Matthew William Charles: 2020 has been a huge reality check. It’s made me realize, even more so than ever that I can’t take anything for granted. My drive is the same, and I’m going to continue to be positive and write music and try and share my music with as many people as possible. The landscape has changed and I’m trying to adapt the best that I can. Nothing can replace live shows, interacting with people face to face, and making new friends and fans. The silver lining is that I can learn some new ways to share and promote my music, and hopefully, if things return to normal I can use those new techniques in tandem with traditional touring and live performances.
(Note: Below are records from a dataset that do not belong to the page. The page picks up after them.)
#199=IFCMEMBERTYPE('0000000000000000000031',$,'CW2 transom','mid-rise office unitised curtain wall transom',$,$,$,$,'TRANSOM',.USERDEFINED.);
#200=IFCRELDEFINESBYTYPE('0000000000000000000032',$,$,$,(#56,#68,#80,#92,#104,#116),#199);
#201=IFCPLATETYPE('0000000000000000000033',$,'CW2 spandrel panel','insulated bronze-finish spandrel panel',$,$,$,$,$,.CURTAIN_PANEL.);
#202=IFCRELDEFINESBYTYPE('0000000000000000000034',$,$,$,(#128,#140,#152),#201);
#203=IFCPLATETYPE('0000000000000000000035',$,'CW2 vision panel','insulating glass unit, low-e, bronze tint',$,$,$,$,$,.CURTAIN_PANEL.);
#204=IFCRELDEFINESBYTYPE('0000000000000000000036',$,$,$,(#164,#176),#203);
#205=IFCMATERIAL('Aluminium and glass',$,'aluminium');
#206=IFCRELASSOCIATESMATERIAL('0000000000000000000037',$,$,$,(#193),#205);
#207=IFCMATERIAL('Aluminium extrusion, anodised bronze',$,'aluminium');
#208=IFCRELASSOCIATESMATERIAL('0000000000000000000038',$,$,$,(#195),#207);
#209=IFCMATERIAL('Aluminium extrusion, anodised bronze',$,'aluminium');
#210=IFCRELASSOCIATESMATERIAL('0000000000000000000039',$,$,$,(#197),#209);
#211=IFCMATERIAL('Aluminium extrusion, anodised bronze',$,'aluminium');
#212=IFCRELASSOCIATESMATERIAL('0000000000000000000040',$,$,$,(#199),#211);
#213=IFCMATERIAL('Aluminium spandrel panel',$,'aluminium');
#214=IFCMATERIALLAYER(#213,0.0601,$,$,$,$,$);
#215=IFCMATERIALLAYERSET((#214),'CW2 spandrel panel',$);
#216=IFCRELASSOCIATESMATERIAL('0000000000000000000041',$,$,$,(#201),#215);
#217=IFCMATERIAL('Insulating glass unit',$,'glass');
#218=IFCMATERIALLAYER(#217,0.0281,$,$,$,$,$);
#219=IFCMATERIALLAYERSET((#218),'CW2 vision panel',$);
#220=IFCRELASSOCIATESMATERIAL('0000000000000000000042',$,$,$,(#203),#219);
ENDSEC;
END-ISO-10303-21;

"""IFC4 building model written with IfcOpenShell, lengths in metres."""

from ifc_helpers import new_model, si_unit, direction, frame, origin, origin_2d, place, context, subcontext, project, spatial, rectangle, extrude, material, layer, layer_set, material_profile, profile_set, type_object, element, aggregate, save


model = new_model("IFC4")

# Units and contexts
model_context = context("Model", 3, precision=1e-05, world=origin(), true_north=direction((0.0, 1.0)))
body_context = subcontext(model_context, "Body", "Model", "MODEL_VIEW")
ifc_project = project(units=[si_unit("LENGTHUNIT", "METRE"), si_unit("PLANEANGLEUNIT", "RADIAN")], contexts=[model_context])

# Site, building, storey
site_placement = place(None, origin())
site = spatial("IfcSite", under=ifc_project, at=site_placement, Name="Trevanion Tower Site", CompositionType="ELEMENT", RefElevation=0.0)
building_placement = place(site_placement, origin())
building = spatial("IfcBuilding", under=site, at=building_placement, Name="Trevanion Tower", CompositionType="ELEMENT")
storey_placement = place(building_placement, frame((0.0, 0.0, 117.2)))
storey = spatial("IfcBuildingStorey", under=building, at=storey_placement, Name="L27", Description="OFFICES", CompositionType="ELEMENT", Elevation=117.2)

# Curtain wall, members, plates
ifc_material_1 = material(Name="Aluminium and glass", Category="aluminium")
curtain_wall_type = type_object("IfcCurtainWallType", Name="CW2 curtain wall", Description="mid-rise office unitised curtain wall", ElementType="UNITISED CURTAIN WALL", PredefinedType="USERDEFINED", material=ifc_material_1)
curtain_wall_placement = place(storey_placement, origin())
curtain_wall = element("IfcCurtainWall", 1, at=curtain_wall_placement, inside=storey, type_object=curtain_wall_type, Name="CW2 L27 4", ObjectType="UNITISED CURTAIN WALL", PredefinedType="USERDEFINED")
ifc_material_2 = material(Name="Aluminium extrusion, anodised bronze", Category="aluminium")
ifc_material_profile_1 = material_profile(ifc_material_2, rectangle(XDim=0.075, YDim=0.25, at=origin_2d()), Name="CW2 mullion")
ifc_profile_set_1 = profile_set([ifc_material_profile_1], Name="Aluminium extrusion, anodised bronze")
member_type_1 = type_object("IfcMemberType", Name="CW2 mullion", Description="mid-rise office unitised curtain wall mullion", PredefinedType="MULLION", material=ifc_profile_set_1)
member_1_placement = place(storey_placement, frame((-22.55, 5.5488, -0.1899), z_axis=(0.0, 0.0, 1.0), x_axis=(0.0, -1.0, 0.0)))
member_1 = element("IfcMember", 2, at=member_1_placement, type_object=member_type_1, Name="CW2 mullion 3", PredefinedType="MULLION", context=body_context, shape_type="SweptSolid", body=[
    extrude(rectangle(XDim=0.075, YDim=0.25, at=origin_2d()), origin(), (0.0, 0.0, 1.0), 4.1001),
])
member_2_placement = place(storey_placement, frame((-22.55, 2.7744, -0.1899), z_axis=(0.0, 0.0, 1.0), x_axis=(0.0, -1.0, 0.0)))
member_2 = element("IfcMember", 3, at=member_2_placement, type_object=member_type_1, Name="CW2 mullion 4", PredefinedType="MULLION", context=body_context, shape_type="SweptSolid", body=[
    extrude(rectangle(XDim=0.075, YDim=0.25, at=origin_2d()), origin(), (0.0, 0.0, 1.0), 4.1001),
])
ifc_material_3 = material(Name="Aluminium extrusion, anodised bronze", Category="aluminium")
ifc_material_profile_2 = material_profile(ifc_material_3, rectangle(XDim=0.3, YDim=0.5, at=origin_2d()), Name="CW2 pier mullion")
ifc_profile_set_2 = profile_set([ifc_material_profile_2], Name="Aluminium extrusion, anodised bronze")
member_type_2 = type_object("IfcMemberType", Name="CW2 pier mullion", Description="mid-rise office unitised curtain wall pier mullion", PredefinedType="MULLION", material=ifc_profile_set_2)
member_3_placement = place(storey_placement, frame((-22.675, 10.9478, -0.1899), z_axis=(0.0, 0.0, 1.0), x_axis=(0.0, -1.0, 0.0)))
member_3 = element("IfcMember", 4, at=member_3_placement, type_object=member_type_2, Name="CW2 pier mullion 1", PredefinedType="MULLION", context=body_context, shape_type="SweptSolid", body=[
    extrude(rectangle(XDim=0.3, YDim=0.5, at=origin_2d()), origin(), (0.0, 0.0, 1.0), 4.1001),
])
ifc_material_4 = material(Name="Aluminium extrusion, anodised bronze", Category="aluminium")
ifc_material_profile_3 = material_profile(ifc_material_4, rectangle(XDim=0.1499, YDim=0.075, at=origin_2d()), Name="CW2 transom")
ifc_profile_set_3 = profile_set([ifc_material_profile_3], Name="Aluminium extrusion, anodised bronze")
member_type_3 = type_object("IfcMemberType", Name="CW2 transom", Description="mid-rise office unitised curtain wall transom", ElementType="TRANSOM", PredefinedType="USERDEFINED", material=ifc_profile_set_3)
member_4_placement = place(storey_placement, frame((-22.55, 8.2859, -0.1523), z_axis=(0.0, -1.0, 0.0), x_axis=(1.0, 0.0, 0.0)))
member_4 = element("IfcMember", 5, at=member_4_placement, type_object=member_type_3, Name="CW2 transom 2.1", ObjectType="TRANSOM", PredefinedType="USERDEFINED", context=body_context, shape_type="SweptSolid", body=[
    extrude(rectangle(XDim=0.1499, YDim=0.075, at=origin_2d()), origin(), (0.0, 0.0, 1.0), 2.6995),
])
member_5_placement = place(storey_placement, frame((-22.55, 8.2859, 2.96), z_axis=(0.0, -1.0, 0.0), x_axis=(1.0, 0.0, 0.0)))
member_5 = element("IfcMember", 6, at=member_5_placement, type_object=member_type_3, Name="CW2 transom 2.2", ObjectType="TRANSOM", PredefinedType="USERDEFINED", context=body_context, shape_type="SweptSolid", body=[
Kendra: Usually, this is where I ask people what they have planned in the coming months but with the world in a strange place right now, plans aren’t as concrete as they typically are. You can go ahead and let us know what you have tentatively planned but can you also share a song that never fails to get you through when the world around you feels like a mess?
Matthew William Charles: It has been a struggle to make plans and be productive. I’m currently working on some home recording projects and I plan to release some of those songs periodically over the next several months. I’m working on making some music videos and I have been making more use of my video streaming accounts like YouTube and LBRY. I’ve done some live streaming events and plan to do some more in the future, it’s honestly not my favorite thing but it helps fill the void.
A song that never fails to inspire me and gets me through tough times is “Superhuman Coliseum” by the band I Farm. It’s an obscure, thrashy punk rock track off their album, ‘Sincerely Robots.’ The main refrain is “Live again, and start all over ” which I think is a good piece of advice, if not a necessary action if our world continues on its current course.